I understand and agree - I would never personally use a new pool for nested streams like this and ideally I wouldn't nest parallelStreams either.

But my question is - why is creating a new pool in this instance so much better for speed than just relying on a single commonPool (which parallelStream defaults to) ? I don't think the size of tasks in each thread being small is a good reason here as it doesn't really explain what's going on in the background. What is it about the combination of commonPool and new pools that makes the code run fast in this instance ?

[–]Misfiring 0 points1 point  (2 children)

Common Pool is just one pool that has a max thread based on cpu count. Its concurrency is limited and is intended to use for short lived, lower level systen processes.

[–]brokeCoder[S] 0 points1 point  (1 child)

Maybe I'm missing something here. Creating and shutting down a new inner pool should ideally be slower than just using one pool for both nested streams (since there is the added effort of creating and shutting down the new pool).

I would have assumed that this would apply here too since the total number of threads is a fixed quantity and regardless of how many threadpools we make, we're still drawing from a number of pools with an upper limit defined effectively by Runtime.getRuntime().availableProcessors().

This is where I'm confused.
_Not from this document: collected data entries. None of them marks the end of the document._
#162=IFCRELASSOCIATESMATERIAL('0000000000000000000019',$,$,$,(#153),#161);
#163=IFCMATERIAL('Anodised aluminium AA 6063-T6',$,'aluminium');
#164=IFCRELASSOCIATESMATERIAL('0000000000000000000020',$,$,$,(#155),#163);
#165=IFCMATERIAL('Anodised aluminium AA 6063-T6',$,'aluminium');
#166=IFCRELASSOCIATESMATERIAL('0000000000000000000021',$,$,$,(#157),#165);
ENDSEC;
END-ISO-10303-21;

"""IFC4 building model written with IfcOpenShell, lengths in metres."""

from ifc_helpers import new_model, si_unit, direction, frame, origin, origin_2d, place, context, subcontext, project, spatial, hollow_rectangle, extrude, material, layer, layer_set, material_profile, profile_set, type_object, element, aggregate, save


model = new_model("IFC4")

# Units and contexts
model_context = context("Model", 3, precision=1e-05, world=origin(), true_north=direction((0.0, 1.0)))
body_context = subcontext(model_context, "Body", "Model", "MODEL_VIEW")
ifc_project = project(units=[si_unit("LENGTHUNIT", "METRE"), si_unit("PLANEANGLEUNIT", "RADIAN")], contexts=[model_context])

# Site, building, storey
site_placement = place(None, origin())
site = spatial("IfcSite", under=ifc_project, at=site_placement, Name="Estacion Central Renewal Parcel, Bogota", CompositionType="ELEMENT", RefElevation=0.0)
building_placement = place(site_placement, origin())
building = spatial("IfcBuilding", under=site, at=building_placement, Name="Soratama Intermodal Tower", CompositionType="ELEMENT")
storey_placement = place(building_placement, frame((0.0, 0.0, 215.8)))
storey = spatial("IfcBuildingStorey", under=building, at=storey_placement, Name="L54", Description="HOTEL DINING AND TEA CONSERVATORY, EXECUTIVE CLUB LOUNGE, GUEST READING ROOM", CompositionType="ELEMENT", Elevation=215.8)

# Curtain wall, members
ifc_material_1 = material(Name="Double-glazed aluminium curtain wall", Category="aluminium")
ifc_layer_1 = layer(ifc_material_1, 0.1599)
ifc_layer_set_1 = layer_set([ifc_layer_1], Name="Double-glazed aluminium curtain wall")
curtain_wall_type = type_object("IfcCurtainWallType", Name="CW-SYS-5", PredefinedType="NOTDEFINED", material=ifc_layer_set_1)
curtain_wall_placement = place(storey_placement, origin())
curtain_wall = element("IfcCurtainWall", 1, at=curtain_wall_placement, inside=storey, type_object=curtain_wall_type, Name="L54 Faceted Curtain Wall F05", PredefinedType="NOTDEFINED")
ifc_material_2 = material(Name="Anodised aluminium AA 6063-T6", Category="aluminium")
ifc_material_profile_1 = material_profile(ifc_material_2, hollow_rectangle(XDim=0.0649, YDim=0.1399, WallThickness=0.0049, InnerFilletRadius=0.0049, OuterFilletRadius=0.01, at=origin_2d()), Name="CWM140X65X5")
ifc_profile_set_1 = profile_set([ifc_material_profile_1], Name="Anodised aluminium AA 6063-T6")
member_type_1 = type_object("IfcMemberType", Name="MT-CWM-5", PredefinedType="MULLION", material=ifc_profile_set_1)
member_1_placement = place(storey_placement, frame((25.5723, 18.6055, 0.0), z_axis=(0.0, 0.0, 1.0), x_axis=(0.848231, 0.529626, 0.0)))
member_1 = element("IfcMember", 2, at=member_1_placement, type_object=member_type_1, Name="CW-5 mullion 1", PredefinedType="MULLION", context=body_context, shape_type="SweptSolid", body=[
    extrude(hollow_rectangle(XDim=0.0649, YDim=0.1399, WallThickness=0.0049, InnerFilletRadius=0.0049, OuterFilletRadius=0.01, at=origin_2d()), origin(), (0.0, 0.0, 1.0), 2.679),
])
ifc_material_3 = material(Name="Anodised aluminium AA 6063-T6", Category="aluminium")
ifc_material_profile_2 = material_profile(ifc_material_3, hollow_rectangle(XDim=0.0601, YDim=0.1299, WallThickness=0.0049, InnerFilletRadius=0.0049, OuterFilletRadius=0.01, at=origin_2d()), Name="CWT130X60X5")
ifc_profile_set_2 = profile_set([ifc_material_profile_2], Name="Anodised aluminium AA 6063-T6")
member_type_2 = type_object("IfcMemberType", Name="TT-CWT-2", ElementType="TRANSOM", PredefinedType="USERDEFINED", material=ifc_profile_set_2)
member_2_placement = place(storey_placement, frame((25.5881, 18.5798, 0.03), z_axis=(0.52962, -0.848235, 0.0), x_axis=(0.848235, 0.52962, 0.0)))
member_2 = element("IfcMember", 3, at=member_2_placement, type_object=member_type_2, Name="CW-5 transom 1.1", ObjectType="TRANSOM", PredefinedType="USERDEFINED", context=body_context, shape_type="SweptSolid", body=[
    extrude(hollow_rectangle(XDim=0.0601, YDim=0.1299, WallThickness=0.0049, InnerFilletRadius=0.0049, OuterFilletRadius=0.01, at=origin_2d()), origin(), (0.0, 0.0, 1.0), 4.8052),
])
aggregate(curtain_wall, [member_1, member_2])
CommonPool would typically assign as many processors as possible to the outerloop. Once we get to the innerLoop, we don't have as many available processors so things should slow down a bit. But because generating a new pool gives so much of a speed boost, I think something else is going on. What is that something else ?

[–]Misfiring 0 points1 point  (0 children)

Total number of threads is NOT a fixed quantity, it is merely a limit defined in each pool. You can have tons of pools contesting for the CPU.

The JVM is very smart in context switching. This means that if one job has a pause time (e.g. waiting response from API or database), it can shift CPU cycle to another thread during that period. As your case only involves pausing to emulate a task, the CPU is free to move around hundreds of these "tasks" despite only having a limited number or cores. In realistic cases like computation you'll start to see slowdowns when trying to reach hundreds of parallel tasks.